Magic Leap is a secretive startup based in Florida.

The author describes his experience interacting with, among other things, an
8-inch robot drone, which seems, but is not real - it's rather a simulation
made visible by a VR kit. VR overlaid on the real world is called mixed
reality (MR).

He saw other things with these magical goggles, and they looked very real.

Magic Leap is not the only company creating MR technology, but it's the most
advanced, as proven by several notable investors, including Google, Andreessen
Horowitz and Kleiner Perkins, which poured 1.4 billion dollars into it so far,
while the company has not released a beta version of its product yet.

All major tech players have whole groups dedicated to artificial reality, as
well as 230 other companies, working on hardware and content. The author has
seen most of them.

The expectations of Virtual Reality are very high - the Matrix, the Metaverse,
the Oasis. The author experienced VR first in 1989 with Jaron Lanier in
California, exploring a virtual world with him through a special glove. He
named it Virtual Reality, and all the elements were there: head-mounted
display, glove tracking, multiperson social immersion.

Mass market VR was not imminent, though, mostly because of high costs.
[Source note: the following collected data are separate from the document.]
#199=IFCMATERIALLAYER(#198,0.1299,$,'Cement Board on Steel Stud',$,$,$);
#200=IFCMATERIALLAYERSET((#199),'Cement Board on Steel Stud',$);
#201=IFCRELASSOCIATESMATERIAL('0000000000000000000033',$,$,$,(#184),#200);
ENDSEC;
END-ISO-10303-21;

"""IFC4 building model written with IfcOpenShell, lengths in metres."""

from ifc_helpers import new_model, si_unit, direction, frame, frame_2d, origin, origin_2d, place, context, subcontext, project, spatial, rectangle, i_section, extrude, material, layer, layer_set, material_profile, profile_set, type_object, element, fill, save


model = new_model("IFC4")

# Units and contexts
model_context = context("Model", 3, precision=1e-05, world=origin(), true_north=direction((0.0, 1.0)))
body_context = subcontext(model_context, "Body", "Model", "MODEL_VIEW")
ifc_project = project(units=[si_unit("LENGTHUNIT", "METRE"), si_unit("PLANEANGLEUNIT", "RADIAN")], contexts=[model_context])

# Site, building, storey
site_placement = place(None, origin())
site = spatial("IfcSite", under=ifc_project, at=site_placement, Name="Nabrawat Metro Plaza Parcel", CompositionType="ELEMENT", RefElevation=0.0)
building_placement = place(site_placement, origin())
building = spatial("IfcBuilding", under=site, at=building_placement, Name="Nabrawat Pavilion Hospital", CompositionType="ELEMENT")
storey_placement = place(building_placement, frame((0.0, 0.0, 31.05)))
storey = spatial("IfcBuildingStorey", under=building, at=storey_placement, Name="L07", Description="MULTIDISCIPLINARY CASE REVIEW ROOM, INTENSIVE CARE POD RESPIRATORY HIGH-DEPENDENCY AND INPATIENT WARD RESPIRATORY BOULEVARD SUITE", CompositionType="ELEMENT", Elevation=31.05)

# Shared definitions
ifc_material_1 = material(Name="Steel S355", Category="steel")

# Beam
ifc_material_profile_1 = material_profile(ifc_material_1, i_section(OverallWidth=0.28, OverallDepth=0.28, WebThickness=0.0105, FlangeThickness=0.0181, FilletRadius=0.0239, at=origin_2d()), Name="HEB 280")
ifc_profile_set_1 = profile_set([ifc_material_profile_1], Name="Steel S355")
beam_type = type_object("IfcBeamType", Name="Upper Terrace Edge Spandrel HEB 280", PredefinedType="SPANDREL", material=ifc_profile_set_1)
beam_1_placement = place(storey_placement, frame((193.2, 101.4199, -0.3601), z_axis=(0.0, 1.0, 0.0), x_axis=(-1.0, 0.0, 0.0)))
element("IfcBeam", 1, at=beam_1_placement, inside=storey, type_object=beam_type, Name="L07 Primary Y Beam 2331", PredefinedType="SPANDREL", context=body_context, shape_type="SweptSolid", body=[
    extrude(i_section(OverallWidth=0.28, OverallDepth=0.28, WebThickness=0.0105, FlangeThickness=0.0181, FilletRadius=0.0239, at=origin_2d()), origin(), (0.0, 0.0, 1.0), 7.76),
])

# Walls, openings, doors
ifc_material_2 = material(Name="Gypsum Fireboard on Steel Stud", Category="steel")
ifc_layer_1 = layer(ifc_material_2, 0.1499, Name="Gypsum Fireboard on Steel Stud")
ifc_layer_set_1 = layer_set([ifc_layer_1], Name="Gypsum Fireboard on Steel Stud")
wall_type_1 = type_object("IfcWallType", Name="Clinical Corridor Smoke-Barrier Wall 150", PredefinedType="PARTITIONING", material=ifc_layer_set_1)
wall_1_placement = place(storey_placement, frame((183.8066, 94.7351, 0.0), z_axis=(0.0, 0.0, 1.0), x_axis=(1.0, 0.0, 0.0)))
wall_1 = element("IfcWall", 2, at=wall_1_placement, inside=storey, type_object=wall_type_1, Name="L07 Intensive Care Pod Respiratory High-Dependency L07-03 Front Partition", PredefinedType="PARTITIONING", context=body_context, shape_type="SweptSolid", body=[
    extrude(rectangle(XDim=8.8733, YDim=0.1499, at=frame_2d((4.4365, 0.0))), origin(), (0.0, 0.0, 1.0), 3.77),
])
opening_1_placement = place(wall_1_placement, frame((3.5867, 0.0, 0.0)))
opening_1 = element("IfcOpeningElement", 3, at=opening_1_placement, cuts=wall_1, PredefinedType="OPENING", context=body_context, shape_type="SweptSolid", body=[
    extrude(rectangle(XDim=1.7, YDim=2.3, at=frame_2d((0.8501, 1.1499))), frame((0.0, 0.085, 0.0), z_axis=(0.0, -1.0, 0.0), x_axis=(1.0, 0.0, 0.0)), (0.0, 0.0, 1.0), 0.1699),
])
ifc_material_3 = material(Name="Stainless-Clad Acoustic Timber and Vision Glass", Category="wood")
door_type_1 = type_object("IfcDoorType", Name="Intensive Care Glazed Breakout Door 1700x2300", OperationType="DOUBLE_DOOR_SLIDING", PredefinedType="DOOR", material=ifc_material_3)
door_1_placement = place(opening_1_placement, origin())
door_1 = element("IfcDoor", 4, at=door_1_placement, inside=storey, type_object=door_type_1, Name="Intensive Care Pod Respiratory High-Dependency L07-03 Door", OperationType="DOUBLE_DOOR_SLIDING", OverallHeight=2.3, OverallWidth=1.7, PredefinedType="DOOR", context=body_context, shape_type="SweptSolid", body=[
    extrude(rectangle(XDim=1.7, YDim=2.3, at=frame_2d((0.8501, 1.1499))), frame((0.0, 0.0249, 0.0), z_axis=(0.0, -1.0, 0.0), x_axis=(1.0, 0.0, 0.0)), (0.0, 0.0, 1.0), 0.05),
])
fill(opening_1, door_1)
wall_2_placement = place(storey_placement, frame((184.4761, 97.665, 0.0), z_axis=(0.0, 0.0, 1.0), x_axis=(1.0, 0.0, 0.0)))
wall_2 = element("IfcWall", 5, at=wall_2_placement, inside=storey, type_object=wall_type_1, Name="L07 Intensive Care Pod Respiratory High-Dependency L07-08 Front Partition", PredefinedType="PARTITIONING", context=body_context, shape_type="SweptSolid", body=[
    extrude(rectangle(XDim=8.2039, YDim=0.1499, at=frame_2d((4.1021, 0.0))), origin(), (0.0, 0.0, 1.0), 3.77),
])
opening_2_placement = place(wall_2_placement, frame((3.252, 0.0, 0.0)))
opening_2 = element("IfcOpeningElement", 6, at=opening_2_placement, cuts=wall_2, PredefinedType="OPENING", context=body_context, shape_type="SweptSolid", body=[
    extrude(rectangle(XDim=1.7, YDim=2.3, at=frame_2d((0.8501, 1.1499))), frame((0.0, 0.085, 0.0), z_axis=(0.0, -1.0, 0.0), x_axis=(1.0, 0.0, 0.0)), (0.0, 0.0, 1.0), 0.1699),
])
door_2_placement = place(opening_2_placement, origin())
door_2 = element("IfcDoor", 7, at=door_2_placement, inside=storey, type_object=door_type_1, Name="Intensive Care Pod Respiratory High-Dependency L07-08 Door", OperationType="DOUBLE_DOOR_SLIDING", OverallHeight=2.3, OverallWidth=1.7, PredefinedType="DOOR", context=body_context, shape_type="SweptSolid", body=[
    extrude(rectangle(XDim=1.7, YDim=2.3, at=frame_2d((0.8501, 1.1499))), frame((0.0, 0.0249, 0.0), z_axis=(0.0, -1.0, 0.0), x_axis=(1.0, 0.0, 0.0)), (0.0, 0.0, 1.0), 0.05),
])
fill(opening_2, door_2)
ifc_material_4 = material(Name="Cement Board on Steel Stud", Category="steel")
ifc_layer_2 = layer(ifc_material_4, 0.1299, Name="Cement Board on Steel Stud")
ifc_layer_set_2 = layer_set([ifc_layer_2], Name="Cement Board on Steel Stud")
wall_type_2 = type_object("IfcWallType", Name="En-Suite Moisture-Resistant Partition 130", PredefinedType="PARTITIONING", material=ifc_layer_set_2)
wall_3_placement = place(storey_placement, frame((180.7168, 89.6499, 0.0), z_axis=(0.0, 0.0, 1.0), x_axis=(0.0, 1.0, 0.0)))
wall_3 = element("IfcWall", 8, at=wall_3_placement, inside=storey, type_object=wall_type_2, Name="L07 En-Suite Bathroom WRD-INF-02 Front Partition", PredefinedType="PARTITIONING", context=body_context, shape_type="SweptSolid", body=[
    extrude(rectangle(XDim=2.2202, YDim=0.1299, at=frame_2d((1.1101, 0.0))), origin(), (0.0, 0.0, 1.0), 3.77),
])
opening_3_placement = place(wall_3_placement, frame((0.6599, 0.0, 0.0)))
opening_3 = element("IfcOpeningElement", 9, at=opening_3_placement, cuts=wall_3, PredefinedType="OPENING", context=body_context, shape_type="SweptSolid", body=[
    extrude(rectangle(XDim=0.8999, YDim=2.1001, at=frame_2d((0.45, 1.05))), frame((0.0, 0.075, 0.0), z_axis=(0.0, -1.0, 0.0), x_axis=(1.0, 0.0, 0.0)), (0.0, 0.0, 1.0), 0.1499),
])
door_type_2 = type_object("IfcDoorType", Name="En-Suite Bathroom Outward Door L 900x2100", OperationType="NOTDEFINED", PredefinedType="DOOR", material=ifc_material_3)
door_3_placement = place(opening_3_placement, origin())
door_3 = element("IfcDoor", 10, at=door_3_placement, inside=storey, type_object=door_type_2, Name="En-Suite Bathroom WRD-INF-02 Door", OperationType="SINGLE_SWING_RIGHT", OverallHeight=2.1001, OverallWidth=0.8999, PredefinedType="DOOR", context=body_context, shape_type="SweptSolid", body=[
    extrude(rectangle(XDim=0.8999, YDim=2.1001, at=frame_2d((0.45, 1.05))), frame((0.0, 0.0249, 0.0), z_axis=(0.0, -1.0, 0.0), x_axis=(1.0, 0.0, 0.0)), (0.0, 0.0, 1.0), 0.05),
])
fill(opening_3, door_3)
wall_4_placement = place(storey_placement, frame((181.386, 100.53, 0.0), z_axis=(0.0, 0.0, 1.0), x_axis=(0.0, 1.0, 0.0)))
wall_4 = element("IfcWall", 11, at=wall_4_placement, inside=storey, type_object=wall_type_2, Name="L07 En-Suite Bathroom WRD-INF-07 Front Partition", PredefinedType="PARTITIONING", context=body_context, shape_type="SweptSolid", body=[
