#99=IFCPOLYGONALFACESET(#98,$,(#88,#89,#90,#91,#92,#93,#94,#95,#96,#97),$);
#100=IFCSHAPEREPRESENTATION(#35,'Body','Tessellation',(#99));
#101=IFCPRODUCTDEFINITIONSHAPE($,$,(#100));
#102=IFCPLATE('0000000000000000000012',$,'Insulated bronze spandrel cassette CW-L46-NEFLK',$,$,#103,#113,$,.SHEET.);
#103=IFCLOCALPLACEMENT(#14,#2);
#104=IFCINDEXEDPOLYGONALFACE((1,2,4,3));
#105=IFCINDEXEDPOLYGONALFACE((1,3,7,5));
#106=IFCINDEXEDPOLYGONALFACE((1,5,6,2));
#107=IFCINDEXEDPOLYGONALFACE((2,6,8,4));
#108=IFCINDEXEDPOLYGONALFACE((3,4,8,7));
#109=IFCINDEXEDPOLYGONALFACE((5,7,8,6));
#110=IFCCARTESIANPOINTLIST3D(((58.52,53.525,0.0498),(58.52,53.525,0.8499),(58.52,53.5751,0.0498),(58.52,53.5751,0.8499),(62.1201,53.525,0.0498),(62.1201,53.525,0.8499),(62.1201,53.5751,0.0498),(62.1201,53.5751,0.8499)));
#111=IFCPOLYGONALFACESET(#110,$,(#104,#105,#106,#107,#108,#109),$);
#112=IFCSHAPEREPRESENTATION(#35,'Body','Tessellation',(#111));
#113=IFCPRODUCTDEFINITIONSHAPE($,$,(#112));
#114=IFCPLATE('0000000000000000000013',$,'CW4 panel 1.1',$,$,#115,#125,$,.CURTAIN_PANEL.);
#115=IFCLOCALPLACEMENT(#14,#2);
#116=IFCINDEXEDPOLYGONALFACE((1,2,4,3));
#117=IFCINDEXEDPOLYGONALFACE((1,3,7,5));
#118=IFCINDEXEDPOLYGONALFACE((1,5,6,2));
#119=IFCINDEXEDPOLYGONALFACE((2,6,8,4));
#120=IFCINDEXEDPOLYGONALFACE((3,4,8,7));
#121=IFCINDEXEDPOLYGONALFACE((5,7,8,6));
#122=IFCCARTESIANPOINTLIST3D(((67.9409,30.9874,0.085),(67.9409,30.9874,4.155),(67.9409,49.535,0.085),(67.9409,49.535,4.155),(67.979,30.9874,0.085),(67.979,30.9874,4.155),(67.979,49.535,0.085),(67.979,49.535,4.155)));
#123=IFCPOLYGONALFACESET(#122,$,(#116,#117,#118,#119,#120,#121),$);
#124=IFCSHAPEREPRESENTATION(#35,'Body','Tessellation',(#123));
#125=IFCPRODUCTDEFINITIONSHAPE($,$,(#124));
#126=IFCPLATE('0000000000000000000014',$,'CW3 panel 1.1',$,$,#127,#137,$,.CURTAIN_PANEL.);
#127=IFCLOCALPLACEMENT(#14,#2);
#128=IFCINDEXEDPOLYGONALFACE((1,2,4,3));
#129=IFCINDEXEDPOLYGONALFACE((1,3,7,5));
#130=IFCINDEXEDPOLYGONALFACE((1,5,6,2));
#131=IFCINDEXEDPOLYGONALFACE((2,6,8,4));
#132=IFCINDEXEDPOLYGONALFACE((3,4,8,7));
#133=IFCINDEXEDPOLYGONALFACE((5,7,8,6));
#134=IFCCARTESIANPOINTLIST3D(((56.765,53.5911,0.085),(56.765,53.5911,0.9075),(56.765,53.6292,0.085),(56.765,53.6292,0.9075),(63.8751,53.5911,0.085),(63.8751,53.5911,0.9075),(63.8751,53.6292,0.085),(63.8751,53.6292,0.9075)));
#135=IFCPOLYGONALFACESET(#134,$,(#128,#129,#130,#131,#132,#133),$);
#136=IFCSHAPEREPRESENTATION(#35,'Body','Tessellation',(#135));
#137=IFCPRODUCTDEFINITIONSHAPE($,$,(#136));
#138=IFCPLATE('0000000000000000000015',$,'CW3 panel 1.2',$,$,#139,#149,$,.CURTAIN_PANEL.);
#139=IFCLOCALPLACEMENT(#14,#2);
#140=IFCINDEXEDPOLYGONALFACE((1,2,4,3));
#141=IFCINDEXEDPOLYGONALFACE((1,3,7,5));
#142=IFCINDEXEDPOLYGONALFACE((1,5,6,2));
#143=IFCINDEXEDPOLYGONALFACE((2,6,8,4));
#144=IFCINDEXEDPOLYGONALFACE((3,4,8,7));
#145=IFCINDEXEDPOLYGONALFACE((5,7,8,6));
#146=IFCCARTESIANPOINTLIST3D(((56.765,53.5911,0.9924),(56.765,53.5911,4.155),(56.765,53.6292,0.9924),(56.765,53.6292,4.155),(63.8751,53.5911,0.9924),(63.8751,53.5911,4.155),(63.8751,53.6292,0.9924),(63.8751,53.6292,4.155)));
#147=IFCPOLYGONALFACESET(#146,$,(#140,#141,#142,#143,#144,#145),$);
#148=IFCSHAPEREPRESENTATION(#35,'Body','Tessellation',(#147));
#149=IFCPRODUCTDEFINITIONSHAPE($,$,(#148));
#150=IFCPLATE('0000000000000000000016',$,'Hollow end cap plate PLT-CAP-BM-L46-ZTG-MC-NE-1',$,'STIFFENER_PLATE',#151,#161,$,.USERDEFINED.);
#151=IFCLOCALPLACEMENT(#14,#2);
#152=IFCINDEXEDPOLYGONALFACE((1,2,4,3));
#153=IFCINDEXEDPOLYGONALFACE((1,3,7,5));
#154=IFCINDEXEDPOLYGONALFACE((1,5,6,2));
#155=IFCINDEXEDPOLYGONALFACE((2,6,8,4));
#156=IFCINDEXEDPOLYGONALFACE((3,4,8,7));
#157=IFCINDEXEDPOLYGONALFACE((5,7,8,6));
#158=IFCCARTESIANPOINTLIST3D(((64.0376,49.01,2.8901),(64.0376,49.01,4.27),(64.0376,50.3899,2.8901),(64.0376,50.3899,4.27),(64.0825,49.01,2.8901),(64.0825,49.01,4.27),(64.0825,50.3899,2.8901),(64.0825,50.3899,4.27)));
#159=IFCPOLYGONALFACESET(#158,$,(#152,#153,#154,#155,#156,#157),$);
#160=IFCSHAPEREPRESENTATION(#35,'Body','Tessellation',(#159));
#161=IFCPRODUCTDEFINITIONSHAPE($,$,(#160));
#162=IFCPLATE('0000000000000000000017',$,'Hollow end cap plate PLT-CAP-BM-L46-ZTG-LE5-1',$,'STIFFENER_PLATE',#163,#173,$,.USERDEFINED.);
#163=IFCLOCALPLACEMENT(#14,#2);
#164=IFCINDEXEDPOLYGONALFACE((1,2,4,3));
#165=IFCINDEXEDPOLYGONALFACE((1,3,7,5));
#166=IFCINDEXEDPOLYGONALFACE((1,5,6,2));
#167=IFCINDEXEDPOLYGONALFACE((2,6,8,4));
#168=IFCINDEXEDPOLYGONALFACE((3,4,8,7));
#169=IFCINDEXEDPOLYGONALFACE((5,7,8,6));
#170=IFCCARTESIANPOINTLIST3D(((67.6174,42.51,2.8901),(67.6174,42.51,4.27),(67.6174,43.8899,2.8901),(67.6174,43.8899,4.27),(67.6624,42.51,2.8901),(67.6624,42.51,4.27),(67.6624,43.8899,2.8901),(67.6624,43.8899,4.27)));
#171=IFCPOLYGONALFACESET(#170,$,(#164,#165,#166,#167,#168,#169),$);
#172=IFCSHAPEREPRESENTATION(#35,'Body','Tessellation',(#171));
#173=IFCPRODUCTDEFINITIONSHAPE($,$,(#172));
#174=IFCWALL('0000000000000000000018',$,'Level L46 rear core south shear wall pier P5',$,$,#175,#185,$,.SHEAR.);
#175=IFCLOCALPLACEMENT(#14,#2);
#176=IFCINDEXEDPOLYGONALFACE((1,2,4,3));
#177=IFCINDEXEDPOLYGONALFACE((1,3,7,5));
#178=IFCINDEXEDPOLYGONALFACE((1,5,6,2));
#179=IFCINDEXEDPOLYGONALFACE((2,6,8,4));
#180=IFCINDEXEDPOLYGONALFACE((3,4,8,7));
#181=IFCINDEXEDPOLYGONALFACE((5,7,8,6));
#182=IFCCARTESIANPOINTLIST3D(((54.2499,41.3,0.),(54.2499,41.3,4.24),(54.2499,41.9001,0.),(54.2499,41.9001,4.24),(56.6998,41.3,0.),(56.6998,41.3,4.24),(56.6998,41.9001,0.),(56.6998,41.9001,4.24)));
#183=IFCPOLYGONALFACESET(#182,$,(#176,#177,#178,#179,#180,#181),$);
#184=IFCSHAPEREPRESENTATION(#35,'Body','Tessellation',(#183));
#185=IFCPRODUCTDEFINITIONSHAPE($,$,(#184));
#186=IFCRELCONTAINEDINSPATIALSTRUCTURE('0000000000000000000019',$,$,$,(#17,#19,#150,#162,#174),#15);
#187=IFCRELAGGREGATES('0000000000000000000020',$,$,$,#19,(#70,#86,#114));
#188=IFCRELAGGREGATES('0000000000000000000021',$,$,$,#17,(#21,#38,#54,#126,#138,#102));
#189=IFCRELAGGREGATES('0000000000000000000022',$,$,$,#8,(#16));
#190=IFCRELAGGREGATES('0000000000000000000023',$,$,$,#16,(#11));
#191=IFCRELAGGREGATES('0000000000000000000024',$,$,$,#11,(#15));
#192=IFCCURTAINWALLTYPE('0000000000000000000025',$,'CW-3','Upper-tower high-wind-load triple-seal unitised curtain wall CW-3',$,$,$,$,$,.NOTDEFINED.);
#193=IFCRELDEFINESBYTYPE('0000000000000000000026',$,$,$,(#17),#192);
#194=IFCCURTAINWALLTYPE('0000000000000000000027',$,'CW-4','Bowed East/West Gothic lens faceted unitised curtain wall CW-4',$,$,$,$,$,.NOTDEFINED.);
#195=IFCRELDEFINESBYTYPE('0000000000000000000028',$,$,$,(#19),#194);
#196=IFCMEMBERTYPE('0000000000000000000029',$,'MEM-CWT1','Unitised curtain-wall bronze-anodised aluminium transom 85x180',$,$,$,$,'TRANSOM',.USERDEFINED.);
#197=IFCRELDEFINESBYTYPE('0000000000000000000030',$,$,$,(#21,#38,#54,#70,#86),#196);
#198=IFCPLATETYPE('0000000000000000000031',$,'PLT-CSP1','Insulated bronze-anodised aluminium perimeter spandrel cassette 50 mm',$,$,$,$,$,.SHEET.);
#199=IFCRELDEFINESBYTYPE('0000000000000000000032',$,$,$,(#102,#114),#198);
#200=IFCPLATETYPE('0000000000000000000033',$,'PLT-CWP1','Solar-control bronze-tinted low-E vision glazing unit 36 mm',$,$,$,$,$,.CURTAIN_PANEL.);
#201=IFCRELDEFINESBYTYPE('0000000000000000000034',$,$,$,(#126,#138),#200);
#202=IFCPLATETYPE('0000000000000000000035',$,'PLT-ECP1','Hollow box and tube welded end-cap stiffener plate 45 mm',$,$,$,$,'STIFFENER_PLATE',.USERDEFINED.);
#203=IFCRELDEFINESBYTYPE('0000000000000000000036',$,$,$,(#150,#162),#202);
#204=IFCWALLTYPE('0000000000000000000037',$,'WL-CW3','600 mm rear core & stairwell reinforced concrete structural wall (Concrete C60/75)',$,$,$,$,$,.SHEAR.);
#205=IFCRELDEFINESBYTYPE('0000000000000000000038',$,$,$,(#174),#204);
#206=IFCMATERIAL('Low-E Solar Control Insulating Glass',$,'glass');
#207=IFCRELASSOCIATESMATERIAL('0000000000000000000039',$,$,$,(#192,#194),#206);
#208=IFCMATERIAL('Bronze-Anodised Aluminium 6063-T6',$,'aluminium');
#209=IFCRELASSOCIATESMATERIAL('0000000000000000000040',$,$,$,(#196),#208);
Thank
to smartphones, the cost of many components - gyroscopes, screens, CPUs - has
shrunk now. In fact, in 2012, Oculus Rift launched a successful Kickstarter
campaign to fund a VR headset prototype, and was then acquired by Facebook for
2 billion dollars in 2014.

Lanier estimates that you would have needed a million dollar in 1990 to
achieve what you can achieve today with a smartphone.

Virtual reality is creating the next evolution of the Internet, an internet of
experiences - experiences that feel genuine, even if they are simulated,
because of two things: "presence" (objects seem to be real), and (a personal
feeling of living an) "experience".

This will lead to a Wikipedia of experiences, such as traveling, or terror at
the edge of an erupting volcano, or shared experiences. Kent Bye, founder of
the podcast "Voices of VR", says that VR talks to our subconscious mind.

The author mentions a great subconscious experience with "the Void" at the
2016 TED conference. The three co-founders have experiences with stage magic,
a theme park, and a haunted house, and mixed them to create "the Void".

You wear a 12-pound vest, you roam free in a large room, and navigate an
Indiana Jones-like adventure. You have the illusion of a larger space in which
to move around thank to a trick called "redirected walking" and redirected
touching. Stairs, as an example, can be made to feel endless if they drop down
as you walk upward.

Most VR headsets today also include "dynamic binaural" \- 3D audio, which is
more than stereo, which is fixed in space. This also helps prevent motion
sickness.

Good VR also includes touch, as Jason Jerald, author of what people call the
VR book, says. Most VR kit use controllers, as gloves are not sufficiently
advanced yet.

Magic Leap is the most impressive on the visual front.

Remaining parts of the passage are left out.